There seems to be 2 distinct categories: some fabric is asymmetric when it
comes to relative humidity, others stay constant (like Omni-Tech). The
asymmetrics become more breathable as humidity increases. Schoeller WB-Formula
starts off half as breathable as Omni-Tech at low humidity and at high
humidity comes down to match. But you've also got Gore-Tex XCR, which is more
breathable than O-T at even low humidity, and gets even more so as humidity
increases.

I've had a Columbia 3-in-1 with a softshell liner that I've really loved. It
can take about ¼" of rain, but isn't quite as warm as a fleece. I washed the
liner a bunch, but never washed the shell (still looks new, waterproof AFAIK).
I just bought myself a Marmot 3-in-1 for Christmas (unaware of all this
research). Shell is apparently Membrain, which is both _more and less
breathable_ than Omni-Tech (less when dry, more when humid).

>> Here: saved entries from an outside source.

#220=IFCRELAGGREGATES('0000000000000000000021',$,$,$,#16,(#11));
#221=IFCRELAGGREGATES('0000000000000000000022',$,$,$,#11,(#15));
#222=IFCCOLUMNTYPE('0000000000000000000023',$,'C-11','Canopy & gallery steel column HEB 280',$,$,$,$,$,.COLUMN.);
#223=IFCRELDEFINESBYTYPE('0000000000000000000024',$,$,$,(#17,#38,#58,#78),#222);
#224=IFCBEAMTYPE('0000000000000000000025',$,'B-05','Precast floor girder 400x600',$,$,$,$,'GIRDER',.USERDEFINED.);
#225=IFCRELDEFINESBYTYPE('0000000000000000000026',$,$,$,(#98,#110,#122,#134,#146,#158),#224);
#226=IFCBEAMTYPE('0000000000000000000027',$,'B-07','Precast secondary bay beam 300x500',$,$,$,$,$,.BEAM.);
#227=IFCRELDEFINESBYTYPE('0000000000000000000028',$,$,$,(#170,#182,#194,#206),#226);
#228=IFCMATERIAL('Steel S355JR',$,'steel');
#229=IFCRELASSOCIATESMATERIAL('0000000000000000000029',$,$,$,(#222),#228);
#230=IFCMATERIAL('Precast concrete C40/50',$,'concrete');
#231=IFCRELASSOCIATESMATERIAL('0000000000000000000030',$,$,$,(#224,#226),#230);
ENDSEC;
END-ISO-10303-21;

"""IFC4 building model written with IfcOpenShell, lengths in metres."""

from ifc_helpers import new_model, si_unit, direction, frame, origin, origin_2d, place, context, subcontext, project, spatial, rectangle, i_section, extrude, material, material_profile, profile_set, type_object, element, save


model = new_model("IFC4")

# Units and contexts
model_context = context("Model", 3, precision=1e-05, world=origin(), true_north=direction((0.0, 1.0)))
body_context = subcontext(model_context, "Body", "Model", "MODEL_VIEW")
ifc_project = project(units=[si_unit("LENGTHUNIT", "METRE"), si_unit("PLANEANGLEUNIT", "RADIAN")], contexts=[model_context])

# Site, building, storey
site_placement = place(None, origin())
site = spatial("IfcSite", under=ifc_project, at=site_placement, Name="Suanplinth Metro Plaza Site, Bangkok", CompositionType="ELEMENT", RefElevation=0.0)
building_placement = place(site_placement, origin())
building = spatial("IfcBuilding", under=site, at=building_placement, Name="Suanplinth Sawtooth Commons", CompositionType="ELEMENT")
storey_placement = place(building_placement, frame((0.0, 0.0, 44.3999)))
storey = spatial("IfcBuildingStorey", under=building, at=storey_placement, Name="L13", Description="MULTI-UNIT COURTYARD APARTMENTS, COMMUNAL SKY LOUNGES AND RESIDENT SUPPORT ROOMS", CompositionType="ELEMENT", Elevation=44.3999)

"Asymmetric" breathability fabrics, most->least breathable: Gore-Tex XCR,
Entrant Dermizax, Gore-Tex, Membrain, Hydroseal, Sympatex, Conduit, Schoeller
WB-Formula. All these are more breathable when humid (opposite probably not
very useful).

"Symmetric" breathability fabric, most->least breathable: Expanded PTFE,
EVENT, Schoeller Dryskin Extreme, Entrant GII XT Laminate, Nextec, Lowe Alpine
Triplepoint, Omni-Tech.

The groups overlap, but symmetric fabrics are generally more breathable
overall (especially when dry, but even still when humid). Interesting.

------
Ididntdothis
Besides reading about them has anybody had first hand experience with
"breathable" stuff that actually keeps you dry in real rain? To me this stuff
seems like a mythical beast that is supposed to exist but I can never find.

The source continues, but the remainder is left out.